Congrats, Azyiu! I decided not to get one until next year. I'm too busy with the Wii right now (Metroid Prime 3 ). And of course I spent all my money on Bare Knuckles and a Tremol-No. 



Naren said:


> I haven't heard anything about God of War III. What is that? PS3/Xbox 360? or just Ps3?



Old question, but I'll answer anyway. God of war is a Sony franchise, so there's no way it'll be on 360. Kinda the same deal as with Halo. Except the game is better.


----------



## Azyiu (Oct 30, 2007)

Ahhh... sounds like you are having fun with your Wii too, Alpo, that's cool!  

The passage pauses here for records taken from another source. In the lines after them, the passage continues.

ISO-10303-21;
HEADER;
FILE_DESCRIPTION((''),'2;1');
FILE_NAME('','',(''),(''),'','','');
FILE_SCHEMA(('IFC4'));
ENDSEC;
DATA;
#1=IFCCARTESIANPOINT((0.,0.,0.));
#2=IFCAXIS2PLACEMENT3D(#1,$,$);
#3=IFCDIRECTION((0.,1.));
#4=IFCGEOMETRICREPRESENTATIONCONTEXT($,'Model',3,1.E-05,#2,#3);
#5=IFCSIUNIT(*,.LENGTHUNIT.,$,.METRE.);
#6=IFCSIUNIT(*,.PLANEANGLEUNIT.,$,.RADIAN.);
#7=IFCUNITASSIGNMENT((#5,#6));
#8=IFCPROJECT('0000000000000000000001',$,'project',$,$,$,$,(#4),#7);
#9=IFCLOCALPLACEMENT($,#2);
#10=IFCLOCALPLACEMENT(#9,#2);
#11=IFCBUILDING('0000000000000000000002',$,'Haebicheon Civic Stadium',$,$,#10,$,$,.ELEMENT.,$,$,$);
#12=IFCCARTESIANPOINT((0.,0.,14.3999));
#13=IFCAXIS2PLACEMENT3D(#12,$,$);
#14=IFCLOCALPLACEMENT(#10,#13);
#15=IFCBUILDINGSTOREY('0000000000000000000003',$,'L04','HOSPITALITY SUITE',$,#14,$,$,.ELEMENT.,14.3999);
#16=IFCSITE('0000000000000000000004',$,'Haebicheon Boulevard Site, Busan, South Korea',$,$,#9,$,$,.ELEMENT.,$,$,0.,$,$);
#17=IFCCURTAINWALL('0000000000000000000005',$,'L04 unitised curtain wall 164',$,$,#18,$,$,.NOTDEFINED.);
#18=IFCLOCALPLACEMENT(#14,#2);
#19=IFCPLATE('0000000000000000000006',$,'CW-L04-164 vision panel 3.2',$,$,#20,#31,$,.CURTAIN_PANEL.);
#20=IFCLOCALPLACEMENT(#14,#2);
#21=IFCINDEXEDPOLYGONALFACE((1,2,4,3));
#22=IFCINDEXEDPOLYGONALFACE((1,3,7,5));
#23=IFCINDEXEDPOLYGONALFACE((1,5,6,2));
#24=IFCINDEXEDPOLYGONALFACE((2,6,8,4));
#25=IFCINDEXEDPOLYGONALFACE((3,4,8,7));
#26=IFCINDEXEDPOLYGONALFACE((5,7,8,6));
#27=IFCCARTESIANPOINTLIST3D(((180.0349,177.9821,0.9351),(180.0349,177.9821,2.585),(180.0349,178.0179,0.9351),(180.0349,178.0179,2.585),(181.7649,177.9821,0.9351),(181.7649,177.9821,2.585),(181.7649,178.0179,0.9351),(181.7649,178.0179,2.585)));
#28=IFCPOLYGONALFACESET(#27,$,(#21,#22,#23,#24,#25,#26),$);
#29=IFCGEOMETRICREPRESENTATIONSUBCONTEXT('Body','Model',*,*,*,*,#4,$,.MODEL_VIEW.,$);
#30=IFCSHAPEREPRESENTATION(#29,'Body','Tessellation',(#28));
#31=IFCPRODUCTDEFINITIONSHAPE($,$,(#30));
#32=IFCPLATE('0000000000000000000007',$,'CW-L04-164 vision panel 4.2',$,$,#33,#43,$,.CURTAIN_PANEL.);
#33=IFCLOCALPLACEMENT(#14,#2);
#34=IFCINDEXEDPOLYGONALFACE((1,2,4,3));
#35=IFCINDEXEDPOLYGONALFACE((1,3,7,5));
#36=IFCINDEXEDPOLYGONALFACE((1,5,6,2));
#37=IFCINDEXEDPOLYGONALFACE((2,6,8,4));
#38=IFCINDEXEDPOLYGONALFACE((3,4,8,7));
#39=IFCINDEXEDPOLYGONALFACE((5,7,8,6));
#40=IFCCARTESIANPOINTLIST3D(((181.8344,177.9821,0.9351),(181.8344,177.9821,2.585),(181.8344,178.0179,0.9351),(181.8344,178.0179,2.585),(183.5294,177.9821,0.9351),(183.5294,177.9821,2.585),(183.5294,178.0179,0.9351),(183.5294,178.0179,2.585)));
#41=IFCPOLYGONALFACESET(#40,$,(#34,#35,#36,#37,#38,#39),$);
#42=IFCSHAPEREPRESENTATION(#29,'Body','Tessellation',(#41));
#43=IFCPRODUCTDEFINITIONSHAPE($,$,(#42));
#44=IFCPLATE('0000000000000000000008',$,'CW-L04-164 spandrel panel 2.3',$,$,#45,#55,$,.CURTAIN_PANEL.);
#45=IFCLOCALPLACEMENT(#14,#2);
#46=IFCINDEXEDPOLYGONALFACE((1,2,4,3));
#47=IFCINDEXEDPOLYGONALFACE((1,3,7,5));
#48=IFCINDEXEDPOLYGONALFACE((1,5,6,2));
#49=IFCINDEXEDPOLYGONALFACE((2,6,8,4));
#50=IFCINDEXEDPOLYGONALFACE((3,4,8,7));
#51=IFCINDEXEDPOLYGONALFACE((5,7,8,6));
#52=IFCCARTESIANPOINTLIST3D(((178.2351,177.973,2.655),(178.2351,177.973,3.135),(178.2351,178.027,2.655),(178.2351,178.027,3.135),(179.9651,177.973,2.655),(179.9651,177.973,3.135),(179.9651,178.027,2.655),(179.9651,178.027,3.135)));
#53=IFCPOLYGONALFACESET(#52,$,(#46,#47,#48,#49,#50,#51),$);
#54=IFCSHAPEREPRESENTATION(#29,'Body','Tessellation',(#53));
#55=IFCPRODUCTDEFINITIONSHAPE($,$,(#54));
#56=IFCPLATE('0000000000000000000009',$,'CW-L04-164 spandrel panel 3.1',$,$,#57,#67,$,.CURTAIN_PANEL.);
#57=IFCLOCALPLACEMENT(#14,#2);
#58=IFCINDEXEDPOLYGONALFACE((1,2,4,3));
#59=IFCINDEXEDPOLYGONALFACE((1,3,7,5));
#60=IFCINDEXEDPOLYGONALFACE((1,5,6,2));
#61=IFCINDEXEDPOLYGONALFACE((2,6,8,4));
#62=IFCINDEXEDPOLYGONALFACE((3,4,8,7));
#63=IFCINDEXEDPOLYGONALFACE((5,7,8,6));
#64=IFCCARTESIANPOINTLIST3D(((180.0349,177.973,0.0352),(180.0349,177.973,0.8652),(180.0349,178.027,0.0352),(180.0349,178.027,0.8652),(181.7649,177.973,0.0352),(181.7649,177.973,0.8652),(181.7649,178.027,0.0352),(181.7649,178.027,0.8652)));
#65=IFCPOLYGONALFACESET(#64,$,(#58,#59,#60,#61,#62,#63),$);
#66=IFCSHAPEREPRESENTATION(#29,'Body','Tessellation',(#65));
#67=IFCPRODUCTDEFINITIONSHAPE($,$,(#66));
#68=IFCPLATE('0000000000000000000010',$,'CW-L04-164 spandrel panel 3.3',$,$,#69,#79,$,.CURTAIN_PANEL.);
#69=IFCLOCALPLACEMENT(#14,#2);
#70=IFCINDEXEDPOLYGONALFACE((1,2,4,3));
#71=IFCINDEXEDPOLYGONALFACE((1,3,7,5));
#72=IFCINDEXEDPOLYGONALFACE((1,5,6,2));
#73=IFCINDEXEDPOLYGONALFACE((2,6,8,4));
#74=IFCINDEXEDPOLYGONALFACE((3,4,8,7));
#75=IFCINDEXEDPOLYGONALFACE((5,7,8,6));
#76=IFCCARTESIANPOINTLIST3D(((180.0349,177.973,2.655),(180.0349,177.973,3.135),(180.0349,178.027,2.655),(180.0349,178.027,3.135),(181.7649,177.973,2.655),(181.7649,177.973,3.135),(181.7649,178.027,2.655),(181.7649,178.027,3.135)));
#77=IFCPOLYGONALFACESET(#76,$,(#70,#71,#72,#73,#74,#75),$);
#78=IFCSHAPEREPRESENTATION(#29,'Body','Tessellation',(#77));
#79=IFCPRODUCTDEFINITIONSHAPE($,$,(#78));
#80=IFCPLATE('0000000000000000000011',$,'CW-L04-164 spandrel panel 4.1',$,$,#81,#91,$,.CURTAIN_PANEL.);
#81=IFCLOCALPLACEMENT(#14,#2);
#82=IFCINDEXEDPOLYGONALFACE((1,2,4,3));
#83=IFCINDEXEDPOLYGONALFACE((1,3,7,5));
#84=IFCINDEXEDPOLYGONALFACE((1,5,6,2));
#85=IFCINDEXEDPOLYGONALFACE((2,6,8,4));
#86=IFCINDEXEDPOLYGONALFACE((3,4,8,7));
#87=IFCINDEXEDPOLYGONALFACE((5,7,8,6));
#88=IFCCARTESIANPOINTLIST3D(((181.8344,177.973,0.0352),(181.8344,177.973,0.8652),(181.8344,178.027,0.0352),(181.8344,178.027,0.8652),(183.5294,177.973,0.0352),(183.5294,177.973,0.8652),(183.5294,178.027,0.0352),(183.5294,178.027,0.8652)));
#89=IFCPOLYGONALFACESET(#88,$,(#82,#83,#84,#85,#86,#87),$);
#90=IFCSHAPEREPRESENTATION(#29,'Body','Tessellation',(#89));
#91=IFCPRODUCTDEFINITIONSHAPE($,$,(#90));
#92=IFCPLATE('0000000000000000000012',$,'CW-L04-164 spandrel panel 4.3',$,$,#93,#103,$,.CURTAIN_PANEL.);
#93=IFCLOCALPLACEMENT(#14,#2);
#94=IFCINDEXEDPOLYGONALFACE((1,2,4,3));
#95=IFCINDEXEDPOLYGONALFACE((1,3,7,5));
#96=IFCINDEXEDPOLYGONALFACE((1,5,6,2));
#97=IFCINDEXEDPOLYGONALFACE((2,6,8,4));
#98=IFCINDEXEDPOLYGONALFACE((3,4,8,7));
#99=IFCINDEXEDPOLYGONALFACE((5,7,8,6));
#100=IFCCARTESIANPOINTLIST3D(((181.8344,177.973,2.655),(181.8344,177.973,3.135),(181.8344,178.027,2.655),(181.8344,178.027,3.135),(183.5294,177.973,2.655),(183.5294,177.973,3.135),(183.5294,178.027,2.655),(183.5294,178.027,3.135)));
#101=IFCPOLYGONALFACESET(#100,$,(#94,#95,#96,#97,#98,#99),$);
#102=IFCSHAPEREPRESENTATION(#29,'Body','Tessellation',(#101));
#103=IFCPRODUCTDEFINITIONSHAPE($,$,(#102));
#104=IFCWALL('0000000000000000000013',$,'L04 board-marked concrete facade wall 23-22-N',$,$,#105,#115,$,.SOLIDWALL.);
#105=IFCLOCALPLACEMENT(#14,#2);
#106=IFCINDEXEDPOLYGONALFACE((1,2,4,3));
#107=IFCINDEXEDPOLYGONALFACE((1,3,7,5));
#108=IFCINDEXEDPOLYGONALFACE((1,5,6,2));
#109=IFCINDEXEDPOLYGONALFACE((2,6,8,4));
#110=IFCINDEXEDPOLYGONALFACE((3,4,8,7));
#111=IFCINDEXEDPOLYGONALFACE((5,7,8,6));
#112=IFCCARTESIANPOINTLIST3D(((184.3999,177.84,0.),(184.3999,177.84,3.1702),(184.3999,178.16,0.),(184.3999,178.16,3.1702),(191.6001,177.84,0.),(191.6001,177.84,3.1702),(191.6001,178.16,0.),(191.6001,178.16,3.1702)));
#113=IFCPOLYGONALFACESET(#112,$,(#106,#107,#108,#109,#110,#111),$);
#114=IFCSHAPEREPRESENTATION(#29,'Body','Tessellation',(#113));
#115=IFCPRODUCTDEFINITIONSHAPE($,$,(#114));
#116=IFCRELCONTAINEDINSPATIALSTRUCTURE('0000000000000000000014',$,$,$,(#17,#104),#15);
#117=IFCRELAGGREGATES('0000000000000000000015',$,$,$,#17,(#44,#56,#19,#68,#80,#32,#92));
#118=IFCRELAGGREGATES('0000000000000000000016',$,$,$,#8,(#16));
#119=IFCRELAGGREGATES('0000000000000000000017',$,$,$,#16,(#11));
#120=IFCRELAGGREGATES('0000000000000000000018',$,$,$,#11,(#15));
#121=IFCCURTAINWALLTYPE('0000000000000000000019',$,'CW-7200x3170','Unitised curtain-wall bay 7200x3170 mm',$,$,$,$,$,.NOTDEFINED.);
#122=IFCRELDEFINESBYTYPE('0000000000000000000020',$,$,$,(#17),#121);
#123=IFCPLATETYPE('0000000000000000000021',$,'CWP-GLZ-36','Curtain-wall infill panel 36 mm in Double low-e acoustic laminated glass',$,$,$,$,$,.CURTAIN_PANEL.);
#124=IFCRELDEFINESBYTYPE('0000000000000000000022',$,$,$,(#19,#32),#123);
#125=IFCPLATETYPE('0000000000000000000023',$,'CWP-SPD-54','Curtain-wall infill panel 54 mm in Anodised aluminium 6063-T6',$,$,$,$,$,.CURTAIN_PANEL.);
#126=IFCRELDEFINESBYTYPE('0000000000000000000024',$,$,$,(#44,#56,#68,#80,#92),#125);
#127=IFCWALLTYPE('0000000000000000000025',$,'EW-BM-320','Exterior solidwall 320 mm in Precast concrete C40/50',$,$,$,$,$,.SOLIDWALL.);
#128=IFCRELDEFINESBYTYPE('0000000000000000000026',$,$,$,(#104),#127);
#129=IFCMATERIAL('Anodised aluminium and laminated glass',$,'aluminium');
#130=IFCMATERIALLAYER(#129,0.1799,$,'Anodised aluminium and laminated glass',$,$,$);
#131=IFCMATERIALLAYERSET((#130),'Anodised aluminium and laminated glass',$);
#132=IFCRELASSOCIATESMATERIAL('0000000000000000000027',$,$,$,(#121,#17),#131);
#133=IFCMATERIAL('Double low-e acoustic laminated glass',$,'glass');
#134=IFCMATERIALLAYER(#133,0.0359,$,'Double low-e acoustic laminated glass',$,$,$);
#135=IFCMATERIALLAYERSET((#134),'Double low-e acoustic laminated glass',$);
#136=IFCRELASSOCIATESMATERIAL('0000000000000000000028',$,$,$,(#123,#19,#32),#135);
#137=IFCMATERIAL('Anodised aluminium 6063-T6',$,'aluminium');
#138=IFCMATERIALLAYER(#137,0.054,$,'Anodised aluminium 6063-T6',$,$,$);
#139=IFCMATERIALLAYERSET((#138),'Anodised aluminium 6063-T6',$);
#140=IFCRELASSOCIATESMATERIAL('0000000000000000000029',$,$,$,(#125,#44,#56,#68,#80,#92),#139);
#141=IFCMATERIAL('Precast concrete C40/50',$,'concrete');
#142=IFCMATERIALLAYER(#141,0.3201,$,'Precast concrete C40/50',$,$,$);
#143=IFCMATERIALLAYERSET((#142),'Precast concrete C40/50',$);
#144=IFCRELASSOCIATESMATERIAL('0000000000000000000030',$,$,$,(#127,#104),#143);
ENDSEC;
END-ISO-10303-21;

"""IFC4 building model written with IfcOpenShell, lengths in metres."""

from ifc_helpers import new_model, si_unit, direction, frame, frame_2d, origin, origin_2d, place, context, subcontext, project, spatial, rectangle, extrude, material, layer, layer_set, type_object, element, aggregate, save


model = new_model("IFC4")

# Units and contexts
model_context = context("Model", 3, precision=1e-05, world=origin(), true_north=direction((0.0, 1.0)))
body_context = subcontext(model_context, "Body", "Model", "MODEL_VIEW")
ifc_project = project(units=[si_unit("LENGTHUNIT", "METRE"), si_unit("PLANEANGLEUNIT", "RADIAN")], contexts=[model_context])

# Site, building, storey
site_placement = place(None, origin())
site = spatial("IfcSite", under=ifc_project, at=site_placement, Name="Haebicheon Boulevard Site, Busan, South Korea", CompositionType="ELEMENT", RefElevation=0.0)
building_placement = place(site_placement, origin())
building = spatial("IfcBuilding", under=site, at=building_placement, Name="Haebicheon Civic Stadium", CompositionType="ELEMENT")
storey_placement = place(building_placement, frame((0.0, 0.0, 14.3999)))
storey = spatial("IfcBuildingStorey", under=building, at=storey_placement, Name="L04", Description="HOSPITALITY SUITE", CompositionType="ELEMENT", Elevation=14.3999)

# Curtain wall
ifc_material_1 = material(Name="Anodised aluminium and laminated glass", Category="aluminium")
ifc_layer_1 = layer(ifc_material_1, 0.1799, Name="Anodised aluminium and laminated glass")
ifc_layer_set_1 = layer_set([ifc_layer_1], Name="Anodised aluminium and laminated glass")
curtain_wall_type = type_object("IfcCurtainWallType", Name="CW-7200x3170", Description="Unitised curtain-wall bay 7200x3170 mm", PredefinedType="NOTDEFINED", material=ifc_layer_set_1)
curtain_wall_placement = place(storey_placement, origin())
curtain_wall = element("IfcCurtainWall", 1, at=curtain_wall_placement, inside=storey, type_object=curtain_wall_type, material=ifc_layer_set_1, Name="L04 unitised curtain wall 164", PredefinedType="NOTDEFINED")

# Plates
ifc_material_2 = material(Name="Double low-e acoustic laminated glass", Category="glass")
ifc_layer_2 = layer(ifc_material_2, 0.0359, Name="Double low-e acoustic laminated glass")
ifc_layer_set_2 = layer_set([ifc_layer_2], Name="Double low-e acoustic laminated glass")
plate_type_1 = type_object("IfcPlateType", Name="CWP-GLZ-36", Description="Curtain-wall infill panel 36 mm in Double low-e acoustic laminated glass", PredefinedType="CURTAIN_PANEL", material=ifc_layer_set_2)
plate_1_placement = place(storey_placement, frame((180.8999, 178.0, 0.9351), z_axis=(0.0, 0.0, 1.0), x_axis=(1.0, 0.0, 0.0)))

About the audio situation, I can't seem to find an answer online... oh well, like I said, it is not a big deal, just not convenience.


----------



## Alpo (Oct 30, 2007)

The PS3 can only send an audio signal through one of the outs (HDMI, optical, analog(multi-AV)). Sucks if you want to hook it up to several audio systems at once.


----------



## Naren (Oct 30, 2007)

I can't answer ya. I just have my PS3 hooked up to my sweet new high definition TV with the HDMI cable, but I assume that if you wanted to send video to your TV and audio to a seperate location, you'd have to use componant since HDMI is a single cable that carries both audio and video, whereas component consists of multiple cables. I wouldn't know though, since I've never sent audio and video to seperate locations in any of the consoles I've owned.

I've played 10 PS3 games already since I got my console (3 of those rented from my company's game library). 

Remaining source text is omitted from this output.